それに、仮に今日一日風子を泊めたとして、これからずっとというと無理があるだろう。
「それなら、岡崎さんの家で我慢します」
「我慢が必要な家じゃないと思うけどな」
「なんだか落ち着かないんです。なんといいますか…」
「男しか住んでない家だからじゃないか?」
「そうでしょうか」
「俺も、わからないけどな」
ま、単純に、風子にとって人の家というのが違和感なんだろう。
俺も、急に行ったこともない人の家で暮らすなんてなったら戸惑うはずだ。
慣れも必要だろう。
…。
その後もあれこれと相談。
風子の、公子さんの結婚式のためのプレゼントの話は宮沢も協力すると言ってくれた。
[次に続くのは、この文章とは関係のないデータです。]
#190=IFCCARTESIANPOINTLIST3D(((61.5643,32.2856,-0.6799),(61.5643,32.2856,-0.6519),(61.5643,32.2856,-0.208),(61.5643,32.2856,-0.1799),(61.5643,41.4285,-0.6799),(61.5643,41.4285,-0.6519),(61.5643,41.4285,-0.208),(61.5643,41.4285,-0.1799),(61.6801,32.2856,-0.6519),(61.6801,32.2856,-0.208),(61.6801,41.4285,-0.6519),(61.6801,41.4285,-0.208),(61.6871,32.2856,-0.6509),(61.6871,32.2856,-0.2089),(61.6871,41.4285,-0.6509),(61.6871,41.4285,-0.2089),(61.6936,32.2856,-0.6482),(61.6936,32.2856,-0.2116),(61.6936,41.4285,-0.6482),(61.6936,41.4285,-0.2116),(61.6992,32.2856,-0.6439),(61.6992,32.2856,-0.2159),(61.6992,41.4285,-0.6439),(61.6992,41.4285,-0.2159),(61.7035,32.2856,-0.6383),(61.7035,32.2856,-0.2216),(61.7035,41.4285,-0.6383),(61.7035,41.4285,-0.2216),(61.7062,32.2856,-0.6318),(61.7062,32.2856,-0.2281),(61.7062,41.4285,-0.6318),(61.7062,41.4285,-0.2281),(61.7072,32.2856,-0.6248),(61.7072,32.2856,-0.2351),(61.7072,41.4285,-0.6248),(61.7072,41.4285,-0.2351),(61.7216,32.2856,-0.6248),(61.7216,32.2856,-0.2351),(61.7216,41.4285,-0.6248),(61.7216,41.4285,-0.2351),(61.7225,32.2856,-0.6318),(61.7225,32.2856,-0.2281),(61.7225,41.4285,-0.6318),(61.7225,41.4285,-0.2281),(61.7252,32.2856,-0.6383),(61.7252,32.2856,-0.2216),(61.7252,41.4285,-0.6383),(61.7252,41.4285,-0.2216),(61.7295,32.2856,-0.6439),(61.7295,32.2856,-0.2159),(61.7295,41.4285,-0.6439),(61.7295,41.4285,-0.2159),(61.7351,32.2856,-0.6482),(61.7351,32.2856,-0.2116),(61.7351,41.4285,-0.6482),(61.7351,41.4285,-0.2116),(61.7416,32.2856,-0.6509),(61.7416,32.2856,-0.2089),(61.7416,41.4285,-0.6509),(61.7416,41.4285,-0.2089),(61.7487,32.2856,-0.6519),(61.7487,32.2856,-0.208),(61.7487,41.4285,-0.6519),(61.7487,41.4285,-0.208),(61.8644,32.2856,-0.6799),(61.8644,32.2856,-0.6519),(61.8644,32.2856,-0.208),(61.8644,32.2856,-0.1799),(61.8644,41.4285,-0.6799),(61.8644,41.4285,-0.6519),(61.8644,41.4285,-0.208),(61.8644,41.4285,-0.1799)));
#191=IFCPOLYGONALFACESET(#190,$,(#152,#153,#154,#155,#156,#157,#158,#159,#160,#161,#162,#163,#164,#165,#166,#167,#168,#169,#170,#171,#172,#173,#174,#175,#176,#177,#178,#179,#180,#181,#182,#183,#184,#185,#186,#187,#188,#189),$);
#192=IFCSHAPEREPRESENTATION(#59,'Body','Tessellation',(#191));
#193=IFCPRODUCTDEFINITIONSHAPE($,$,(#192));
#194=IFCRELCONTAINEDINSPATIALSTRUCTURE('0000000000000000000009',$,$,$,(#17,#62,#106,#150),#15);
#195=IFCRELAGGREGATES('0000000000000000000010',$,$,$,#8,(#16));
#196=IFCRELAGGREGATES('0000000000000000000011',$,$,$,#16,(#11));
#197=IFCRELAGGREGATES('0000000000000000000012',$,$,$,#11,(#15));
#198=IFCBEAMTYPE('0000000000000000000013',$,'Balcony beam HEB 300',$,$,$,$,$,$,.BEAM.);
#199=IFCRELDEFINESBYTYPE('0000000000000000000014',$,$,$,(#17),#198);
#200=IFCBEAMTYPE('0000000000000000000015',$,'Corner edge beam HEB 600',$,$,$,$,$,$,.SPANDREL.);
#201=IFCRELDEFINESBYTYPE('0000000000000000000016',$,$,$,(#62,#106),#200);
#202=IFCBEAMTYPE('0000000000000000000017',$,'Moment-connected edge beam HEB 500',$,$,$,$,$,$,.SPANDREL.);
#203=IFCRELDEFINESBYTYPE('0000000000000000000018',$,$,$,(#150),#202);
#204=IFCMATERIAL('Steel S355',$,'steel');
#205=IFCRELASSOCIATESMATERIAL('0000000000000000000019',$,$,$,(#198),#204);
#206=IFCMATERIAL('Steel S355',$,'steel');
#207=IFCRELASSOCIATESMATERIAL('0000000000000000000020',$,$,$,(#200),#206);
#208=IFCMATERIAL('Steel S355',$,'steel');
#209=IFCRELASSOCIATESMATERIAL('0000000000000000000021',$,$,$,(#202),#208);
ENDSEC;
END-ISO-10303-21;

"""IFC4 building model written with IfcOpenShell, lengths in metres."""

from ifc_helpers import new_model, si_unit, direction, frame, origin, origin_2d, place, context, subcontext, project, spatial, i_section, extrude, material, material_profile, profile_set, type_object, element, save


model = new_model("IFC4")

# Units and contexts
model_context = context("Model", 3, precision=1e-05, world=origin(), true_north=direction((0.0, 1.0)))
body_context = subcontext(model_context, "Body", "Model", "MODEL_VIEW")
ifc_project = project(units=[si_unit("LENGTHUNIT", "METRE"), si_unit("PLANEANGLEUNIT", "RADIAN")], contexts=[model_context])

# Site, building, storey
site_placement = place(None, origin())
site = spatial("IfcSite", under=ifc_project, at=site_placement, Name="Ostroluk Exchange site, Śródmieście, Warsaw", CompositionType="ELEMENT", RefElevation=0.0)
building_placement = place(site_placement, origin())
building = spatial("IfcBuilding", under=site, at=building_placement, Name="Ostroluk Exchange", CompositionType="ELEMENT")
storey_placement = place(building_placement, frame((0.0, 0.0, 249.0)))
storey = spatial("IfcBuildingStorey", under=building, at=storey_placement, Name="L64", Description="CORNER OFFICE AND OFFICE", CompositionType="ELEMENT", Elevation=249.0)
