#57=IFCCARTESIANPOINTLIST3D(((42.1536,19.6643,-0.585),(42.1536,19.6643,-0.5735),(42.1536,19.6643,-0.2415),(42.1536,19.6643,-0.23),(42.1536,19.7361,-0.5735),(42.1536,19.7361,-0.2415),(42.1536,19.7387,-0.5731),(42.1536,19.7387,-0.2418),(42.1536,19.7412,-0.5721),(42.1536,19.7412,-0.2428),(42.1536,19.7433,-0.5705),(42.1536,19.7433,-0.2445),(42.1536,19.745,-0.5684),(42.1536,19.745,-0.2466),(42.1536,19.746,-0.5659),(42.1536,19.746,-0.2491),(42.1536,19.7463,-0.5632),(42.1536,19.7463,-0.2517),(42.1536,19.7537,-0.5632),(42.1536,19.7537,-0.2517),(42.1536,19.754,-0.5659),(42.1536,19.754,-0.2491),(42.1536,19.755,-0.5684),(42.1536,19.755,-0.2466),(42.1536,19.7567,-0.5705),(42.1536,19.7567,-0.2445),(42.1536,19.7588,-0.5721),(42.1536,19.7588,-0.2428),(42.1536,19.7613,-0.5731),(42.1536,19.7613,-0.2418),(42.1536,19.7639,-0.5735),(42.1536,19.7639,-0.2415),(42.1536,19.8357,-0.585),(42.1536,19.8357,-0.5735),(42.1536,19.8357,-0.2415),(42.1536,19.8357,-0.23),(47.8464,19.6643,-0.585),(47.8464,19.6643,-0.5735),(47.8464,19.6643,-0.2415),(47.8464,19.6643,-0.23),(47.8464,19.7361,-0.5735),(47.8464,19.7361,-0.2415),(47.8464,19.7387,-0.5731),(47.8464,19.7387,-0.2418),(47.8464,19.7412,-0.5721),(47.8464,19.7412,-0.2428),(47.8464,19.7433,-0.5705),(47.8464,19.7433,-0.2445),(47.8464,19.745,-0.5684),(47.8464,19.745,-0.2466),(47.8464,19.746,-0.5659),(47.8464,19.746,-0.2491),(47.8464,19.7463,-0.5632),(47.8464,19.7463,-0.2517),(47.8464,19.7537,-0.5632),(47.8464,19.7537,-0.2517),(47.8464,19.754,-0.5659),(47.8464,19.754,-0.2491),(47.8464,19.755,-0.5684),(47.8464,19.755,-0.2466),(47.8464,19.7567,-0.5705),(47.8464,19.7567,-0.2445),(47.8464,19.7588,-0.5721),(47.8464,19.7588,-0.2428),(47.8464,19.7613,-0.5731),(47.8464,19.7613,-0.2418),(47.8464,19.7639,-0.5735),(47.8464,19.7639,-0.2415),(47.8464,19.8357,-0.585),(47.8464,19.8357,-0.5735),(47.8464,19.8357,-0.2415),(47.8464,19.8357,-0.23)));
話の中で、前の時代の話は伏せていたので、多少違和感は感じたかもしれないが…。
俺がこそっと風子の衣類の相談をすると、ありがたいことに宮沢はこの後一緒に買い物に付き合ってくれるそうだ。
で、ひとまずは資料室を片付けて購買で予備の制服を買うことに。
新校舎に行く途中、ちらりと登りの階段を見やる。できれば、部活をやりたかったが…。
遊びに行くわけではない。必要な用事なのだから仕方がないと未練を振り払う。
そこで、不意に。
「…お兄さん」
「っ!」
耳元に、息が吹きかけられるような近さ、小さな声で。
振り返ると、無理に背伸びをして、顔を寄せる宮沢。
ごく、近い距離に、瞳が交わる。
目はすっと細められて、どうとでも取れそうな暫定的な微笑。
「そう言われるの、好きなんですか?」
「いや…っ」
俺は顔を伏せる。なんか、恥ずかしい。
たん、たんと宮沢が軽快に俺の横をすり抜けていく。彼女は前を歩く風子に追いついた。
そうして俺を振り返り、つられるように風子もこちらを顧みる。
胸がどきどきしていた。俺は、平静を装いながら、歩く速度を緩めている手前の少女たちに早足に追いつく。